Ende des 17. Jahrhunderts kam Richard Stoughton, ein Apotheker aus Southwark in London, auf die Idee, ein Tonikum herzustellen. Dieses wurde im Jahr 1712 als „Stoughton’s Elixir“ patentiert. Die Werbung der damaligen Zeit versprach, dass das Elixir einen geschwächten Magen zu Kräften kommen und gesunden lasse. Auch solle es den Appetit wieder herstellen, wenn dieser durch Krankheit oder übermäßigen Alkoholgenuss verlorengegangen sein sollte.
Dieses Elixir war sicherlich auch eines der ersten Instant-Produkte, denn man warb damit, daß man mit ihm einen Purl innerhalb von nur einer Minute herstellen könne, indem man einfach einen Teelöffel davon in Bier, Ale oder Sack gebe. Später nannte man dieses Elixir auch „Stoughton’s Bitters“, und der ein oder andere mag davon schon in alten Rezepten gelesen haben.
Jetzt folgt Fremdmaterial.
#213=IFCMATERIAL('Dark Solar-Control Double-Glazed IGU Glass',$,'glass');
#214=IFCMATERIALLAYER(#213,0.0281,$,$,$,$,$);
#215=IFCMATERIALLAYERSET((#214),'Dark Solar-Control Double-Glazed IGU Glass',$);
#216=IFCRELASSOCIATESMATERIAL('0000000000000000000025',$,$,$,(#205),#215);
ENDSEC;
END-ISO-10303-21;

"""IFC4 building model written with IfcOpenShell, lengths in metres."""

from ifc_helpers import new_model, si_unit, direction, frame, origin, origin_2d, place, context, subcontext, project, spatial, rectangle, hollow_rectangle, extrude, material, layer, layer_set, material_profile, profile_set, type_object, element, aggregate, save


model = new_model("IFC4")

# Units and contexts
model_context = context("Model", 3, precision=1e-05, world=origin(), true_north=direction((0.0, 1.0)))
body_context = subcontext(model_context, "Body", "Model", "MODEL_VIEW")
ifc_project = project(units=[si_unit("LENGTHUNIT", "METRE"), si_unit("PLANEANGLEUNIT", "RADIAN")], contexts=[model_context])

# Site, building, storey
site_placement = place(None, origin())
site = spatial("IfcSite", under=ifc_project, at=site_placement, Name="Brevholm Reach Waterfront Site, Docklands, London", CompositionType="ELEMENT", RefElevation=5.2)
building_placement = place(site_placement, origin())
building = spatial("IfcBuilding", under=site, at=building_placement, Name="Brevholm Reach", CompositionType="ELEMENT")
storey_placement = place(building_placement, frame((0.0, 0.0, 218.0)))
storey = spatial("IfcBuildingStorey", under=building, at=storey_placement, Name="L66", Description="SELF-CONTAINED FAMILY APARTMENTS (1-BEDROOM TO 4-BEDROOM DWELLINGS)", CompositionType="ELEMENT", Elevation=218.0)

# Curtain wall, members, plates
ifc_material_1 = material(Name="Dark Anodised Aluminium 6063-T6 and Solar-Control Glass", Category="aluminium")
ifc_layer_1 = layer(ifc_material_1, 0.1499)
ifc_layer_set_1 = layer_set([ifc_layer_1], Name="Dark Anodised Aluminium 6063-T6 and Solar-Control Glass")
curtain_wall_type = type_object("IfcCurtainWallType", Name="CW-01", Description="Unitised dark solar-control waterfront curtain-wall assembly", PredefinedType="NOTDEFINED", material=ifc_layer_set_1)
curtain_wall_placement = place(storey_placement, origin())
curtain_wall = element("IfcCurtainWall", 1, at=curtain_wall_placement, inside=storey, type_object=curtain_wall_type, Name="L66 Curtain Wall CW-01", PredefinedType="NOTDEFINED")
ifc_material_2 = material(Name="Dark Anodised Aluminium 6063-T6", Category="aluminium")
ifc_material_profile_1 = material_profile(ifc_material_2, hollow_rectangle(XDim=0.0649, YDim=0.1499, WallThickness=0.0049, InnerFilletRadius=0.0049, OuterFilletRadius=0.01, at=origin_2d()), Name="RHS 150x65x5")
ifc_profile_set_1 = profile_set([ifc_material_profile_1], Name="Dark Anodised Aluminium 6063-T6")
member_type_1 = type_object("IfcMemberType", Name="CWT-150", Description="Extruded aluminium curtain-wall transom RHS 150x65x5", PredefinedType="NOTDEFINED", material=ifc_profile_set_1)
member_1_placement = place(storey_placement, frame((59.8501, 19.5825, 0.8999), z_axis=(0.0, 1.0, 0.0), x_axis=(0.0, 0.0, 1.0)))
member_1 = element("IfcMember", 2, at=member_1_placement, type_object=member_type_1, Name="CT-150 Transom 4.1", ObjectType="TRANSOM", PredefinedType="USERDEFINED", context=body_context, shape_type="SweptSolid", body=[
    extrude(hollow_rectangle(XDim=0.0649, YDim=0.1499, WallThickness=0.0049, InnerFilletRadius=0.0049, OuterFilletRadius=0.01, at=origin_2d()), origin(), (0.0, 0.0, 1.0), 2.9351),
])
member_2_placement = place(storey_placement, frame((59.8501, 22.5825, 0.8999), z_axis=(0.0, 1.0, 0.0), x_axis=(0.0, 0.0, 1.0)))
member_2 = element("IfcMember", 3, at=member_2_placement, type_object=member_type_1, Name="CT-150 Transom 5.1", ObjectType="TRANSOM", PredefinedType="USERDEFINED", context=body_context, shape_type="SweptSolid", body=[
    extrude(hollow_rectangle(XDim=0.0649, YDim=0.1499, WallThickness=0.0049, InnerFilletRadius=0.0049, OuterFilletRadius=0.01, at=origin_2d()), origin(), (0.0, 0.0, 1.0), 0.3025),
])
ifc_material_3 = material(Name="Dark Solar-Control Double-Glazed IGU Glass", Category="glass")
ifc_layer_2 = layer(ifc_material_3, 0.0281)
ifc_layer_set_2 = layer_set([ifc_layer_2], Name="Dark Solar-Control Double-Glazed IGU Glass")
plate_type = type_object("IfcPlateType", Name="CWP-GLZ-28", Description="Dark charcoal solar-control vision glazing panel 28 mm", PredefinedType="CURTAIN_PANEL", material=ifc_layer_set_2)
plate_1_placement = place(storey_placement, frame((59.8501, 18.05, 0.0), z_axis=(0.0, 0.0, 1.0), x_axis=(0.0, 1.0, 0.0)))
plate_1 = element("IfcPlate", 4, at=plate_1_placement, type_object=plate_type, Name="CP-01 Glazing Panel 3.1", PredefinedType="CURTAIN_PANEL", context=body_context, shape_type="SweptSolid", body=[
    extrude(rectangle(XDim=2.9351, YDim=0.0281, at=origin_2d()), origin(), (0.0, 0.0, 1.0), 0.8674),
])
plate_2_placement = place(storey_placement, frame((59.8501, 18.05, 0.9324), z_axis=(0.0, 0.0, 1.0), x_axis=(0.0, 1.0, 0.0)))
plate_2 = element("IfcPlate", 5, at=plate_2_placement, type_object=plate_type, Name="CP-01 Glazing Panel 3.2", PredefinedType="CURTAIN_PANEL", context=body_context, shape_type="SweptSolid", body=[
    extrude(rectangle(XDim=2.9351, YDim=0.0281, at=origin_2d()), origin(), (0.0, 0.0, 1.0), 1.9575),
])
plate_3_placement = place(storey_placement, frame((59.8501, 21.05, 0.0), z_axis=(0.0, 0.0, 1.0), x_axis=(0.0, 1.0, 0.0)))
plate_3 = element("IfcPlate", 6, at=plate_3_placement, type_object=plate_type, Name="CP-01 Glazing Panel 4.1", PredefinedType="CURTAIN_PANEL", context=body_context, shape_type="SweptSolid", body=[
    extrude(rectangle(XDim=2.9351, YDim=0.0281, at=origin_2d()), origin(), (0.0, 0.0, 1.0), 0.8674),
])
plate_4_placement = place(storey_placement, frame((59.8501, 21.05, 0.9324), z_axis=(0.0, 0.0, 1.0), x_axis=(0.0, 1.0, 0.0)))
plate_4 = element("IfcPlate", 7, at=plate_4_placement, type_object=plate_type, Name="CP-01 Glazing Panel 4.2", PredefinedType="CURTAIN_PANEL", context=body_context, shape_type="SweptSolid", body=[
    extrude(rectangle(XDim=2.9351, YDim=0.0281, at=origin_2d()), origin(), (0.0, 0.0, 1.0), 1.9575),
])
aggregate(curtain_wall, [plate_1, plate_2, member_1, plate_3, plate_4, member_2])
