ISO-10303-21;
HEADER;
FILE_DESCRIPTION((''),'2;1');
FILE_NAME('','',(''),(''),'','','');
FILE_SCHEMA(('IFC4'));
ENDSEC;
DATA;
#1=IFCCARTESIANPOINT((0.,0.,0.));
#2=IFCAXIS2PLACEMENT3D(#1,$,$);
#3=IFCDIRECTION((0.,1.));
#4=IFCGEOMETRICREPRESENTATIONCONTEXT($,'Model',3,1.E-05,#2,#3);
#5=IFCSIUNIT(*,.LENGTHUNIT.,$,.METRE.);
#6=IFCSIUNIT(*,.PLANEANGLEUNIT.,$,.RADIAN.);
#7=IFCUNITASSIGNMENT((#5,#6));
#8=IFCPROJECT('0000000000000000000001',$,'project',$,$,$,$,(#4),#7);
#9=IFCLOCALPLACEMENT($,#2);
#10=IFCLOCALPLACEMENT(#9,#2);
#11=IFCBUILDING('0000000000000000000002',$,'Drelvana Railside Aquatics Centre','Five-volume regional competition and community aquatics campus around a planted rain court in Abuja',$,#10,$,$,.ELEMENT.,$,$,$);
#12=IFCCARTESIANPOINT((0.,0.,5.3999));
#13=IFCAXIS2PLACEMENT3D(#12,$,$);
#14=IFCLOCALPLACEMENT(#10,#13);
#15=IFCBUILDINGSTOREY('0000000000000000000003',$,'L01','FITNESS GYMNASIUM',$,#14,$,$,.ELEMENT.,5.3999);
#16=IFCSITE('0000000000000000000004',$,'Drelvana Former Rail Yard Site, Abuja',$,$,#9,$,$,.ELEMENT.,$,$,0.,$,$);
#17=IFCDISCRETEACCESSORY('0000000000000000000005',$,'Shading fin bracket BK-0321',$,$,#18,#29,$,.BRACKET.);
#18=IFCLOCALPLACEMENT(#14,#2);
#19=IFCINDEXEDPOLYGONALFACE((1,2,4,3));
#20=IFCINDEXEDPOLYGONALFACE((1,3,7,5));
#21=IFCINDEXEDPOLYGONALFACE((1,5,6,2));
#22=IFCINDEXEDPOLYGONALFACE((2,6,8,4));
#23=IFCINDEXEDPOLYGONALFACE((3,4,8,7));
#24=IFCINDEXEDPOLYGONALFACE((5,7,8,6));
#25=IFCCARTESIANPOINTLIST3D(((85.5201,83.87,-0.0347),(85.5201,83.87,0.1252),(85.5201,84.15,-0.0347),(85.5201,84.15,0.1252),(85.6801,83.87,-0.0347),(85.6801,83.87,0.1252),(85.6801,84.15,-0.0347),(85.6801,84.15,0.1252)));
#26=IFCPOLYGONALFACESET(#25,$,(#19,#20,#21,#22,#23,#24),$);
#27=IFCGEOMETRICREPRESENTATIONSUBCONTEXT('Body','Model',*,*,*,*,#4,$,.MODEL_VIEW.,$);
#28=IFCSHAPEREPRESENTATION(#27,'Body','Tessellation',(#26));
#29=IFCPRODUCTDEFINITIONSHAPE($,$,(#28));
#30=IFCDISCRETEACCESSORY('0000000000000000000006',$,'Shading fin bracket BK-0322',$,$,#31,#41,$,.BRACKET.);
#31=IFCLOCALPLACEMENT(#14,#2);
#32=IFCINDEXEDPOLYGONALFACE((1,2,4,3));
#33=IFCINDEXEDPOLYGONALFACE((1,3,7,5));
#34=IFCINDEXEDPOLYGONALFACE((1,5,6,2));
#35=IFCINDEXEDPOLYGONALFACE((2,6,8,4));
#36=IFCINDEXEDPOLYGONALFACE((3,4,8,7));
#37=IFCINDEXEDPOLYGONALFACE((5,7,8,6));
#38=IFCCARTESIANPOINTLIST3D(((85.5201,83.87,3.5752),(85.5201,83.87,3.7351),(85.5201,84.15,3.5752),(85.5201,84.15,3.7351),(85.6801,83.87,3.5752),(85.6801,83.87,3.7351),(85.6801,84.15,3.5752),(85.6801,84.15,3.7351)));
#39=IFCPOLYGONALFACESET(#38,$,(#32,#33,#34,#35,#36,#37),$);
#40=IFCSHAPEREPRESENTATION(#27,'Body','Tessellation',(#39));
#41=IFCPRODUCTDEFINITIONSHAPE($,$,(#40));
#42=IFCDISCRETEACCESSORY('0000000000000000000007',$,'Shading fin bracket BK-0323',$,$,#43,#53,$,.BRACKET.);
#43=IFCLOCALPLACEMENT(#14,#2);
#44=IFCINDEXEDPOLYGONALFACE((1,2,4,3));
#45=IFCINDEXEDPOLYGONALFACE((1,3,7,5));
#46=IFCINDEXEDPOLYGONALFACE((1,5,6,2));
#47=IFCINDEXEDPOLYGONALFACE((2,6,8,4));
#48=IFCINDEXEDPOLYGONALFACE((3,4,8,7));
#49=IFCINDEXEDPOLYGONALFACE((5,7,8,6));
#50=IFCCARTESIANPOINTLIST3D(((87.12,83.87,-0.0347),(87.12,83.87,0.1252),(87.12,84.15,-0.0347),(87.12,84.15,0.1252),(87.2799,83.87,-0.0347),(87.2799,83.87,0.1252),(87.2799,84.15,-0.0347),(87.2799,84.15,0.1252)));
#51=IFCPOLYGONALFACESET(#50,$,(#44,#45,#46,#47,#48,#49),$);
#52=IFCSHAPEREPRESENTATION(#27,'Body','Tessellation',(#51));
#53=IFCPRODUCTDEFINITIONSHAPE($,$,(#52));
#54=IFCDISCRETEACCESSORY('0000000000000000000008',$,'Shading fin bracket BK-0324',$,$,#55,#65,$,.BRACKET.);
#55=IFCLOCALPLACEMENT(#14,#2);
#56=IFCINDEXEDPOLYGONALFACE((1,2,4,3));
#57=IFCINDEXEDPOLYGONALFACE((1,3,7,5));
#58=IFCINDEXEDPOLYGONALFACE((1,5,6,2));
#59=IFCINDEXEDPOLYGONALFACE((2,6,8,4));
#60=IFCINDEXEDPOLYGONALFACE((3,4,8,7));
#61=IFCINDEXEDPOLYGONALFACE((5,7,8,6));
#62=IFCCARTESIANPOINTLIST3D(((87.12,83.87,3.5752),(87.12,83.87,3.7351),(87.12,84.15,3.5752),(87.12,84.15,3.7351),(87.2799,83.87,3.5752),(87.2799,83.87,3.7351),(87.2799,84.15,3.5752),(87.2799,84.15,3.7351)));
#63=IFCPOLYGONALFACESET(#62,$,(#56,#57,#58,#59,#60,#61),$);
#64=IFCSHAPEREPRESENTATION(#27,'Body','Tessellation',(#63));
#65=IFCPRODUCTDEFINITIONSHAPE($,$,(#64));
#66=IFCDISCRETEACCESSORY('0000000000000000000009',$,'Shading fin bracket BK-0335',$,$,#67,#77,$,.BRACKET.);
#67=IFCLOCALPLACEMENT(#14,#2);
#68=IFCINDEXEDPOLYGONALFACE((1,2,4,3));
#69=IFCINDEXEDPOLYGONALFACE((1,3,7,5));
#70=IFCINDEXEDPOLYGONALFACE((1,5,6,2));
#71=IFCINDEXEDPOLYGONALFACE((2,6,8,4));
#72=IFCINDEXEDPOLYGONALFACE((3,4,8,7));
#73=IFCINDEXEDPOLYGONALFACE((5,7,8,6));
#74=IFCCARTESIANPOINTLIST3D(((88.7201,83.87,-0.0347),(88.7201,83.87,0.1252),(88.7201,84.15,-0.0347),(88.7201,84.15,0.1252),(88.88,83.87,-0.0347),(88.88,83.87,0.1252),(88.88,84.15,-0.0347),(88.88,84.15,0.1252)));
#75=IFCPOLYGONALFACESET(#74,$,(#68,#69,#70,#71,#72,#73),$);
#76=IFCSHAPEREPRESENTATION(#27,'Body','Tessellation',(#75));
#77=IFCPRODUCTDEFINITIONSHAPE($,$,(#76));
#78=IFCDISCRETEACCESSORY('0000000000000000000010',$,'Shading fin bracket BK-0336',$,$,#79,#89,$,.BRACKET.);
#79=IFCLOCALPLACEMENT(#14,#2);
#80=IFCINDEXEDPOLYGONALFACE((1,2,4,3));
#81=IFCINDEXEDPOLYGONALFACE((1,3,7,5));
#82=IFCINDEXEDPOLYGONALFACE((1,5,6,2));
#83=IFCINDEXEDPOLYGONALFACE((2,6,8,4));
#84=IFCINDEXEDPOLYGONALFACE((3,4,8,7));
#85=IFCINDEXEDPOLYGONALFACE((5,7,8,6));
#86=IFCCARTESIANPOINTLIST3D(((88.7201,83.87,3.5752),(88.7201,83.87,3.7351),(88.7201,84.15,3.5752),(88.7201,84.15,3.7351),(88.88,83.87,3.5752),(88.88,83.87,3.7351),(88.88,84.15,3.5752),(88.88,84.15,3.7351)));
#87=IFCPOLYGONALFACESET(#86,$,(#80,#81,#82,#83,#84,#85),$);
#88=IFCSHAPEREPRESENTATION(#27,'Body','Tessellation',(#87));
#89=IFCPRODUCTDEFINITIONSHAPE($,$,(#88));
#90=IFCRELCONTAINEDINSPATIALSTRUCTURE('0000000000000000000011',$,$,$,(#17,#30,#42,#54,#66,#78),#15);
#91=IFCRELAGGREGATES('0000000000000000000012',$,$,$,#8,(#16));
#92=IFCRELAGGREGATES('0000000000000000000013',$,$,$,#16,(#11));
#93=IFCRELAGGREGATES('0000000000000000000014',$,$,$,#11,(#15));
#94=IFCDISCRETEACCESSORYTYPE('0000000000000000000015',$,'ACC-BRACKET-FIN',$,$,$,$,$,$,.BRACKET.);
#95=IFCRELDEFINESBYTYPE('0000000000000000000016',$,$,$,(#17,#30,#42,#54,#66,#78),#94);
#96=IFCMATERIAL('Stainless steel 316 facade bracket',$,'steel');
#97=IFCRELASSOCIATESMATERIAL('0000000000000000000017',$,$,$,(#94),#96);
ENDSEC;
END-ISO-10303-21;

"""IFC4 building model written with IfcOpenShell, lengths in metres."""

from ifc_helpers import new_model, si_unit, direction, frame, origin, origin_2d, place, context, subcontext, project, spatial, rectangle, extrude, material, type_object, element, save


model = new_model("IFC4")

# Units and contexts
model_context = context("Model", 3, precision=1e-05, world=origin(), true_north=direction((0.0, 1.0)))
body_context = subcontext(model_context, "Body", "Model", "MODEL_VIEW")
ifc_project = project(units=[si_unit("LENGTHUNIT", "METRE"), si_unit("PLANEANGLEUNIT", "RADIAN")], contexts=[model_context])

# Site, building, storey
site_placement = place(None, origin())
site = spatial("IfcSite", under=ifc_project, at=site_placement, Name="Drelvana Former Rail Yard Site, Abuja", CompositionType="ELEMENT", RefElevation=0.0)
building_placement = place(site_placement, origin())
building = spatial("IfcBuilding", under=site, at=building_placement, Name="Drelvana Railside Aquatics Centre", Description="Five-volume regional competition and community aquatics campus around a planted rain court in Abuja", CompositionType="ELEMENT")
storey_placement = place(building_placement, frame((0.0, 0.0, 5.3999)))
storey = spatial("IfcBuildingStorey", under=building, at=storey_placement, Name="L01", Description="FITNESS GYMNASIUM", CompositionType="ELEMENT", Elevation=5.3999)

# Discrete accessories
ifc_material_1 = material(Name="Stainless steel 316 facade bracket", Category="steel")
discrete_accessory_type = type_object("IfcDiscreteAccessoryType", Name="ACC-BRACKET-FIN", PredefinedType="BRACKET", material=ifc_material_1)
for number, where, z_axis, x_axis, name in (
    (1, (85.6001, 84.01, -0.0347), (0.0, 0.0, 1.0), (0.0, 1.0, 0.0), "Shading fin bracket BK-0321"),
    (2, (85.6001, 84.01, 3.5752), (0.0, 0.0, 1.0), (0.0, 1.0, 0.0), "Shading fin bracket BK-0322"),
    (3, (87.2, 84.01, -0.0347), (0.0, 0.0, 1.0), (0.0, 1.0, 0.0), "Shading fin bracket BK-0323"),
    (4, (87.2, 84.01, 3.5752), (0.0, 0.0, 1.0), (0.0, 1.0, 0.0), "Shading fin bracket BK-0324"),
    (5, (88.8, 84.01, -0.0347), (0.0, 0.0, 1.0), (0.0, 1.0, 0.0), "Shading fin bracket BK-0335"),
    (6, (88.8, 84.01, 3.5752), (0.0, 0.0, 1.0), (0.0, 1.0, 0.0), "Shading fin bracket BK-0336"),
):
    element("IfcDiscreteAccessory", number, at=place(storey_placement, frame(where, z_axis=z_axis, x_axis=x_axis)), inside=storey, type_object=discrete_accessory_type, Name=name, PredefinedType="BRACKET", context=body_context, shape_type="SweptSolid", body=[
        extrude(rectangle(XDim=0.28, YDim=0.1599, at=origin_2d()), origin(), (0.0, 0.0, 1.0), 0.1599),
    ])

save(model, "model.ifc")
Die Kombination von Spirituosen mit Bitters, Zucker, und Wasser
Es war im 18. Jahrhundert zumindest in London auch gängige Praxis, Bitters beispielsweise mit Brandy oder Gin zu vermischen. Zucker wurde schon früh als Zutat verwendet, beispielsweise im Punch. Auch Gin süßte man. Oder man stellte einen „Burnt Brandy“ her, indem man Zucker in einer Flamme schmolz und in Brandy tropfen ließ. Darüberhinaus war Wasser eine wichtige Zutat bei der Zubereitung eines Punches. Auch die tägliche Rum-Ration der Royal Navy wurde zum Beginn des 18. Jahrhunderts mit Wasser verdünnt. Pures Wasser war ein gesundheitliches Risiko, und so desinfizierte man es mit Spirituosen.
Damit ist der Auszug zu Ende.